While I was also looking forward to the details of the accident (thanks), I think the discussion on insurance is also warrented here... In both cases we're discussing the lessons that can be learned from his accident and situation. Any lesson learned here (swoop/toggle/riser/van/insurance) is too late to help this individual at this point.
I hope for a good recovery and that he get the assistance (medical/monitary/instructional) that he needs to return.
Meanwhile, I appreciate hearing ALL lessons that can be learned from this.

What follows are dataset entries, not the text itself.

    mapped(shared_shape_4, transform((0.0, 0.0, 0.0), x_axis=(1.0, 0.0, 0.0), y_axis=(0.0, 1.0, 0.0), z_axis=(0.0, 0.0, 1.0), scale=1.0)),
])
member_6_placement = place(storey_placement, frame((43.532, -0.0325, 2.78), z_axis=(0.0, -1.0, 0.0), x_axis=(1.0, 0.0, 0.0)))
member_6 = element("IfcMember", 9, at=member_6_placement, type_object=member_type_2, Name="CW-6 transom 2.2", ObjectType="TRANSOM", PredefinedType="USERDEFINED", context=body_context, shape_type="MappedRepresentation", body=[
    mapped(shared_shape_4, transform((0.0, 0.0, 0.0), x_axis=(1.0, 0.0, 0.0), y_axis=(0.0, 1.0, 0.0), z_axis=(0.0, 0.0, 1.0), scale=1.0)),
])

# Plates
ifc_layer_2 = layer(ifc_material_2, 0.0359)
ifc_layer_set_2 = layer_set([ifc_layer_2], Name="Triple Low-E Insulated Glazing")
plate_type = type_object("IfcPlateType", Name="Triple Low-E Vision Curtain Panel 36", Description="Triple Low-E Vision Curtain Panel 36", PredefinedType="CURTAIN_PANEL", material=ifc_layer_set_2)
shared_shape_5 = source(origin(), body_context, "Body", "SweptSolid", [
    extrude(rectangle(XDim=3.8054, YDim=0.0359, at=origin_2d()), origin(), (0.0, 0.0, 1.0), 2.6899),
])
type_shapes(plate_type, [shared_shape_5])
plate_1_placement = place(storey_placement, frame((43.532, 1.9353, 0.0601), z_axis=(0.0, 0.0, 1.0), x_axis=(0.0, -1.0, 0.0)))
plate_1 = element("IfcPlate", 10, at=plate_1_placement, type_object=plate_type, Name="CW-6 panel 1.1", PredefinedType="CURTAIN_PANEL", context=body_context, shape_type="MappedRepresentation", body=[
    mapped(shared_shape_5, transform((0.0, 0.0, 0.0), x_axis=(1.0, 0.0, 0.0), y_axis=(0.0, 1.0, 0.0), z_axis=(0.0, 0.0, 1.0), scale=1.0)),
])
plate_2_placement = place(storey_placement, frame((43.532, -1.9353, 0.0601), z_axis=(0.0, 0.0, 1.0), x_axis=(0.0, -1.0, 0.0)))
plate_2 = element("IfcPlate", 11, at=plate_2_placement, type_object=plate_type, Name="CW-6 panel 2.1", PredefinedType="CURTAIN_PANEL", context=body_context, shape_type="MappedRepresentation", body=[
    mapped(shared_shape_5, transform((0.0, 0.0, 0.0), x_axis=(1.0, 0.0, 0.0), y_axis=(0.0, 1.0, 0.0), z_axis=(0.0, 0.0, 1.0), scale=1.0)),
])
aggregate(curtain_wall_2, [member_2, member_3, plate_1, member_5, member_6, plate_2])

So, if we talk about the rumor that the chief instructor had told him he shouldn't be jumping that type of HP canopy at that DZ, signal or noise? If we talk about how this guy, who you can't believe could make "these types of mistakes", did make them, signal or noise? Or is any discussion other than something that will help with the "this would never happen to me because I can learn not to make that mistake" only noise? I'm sure he's a great guy, but he chose to do this, in a place with poor medical facilities, with a child to support, evidently against the advice of his boss. Swooping does add an unnecessary risk to skydiving. It's fun, it's exciting, but there are already major DZ's that prohibit turns over 90 on final, and there will probably be a lot more that do over time. I have a lot of respect for dedicated snoopers, but most of us really shouldn't be doing this.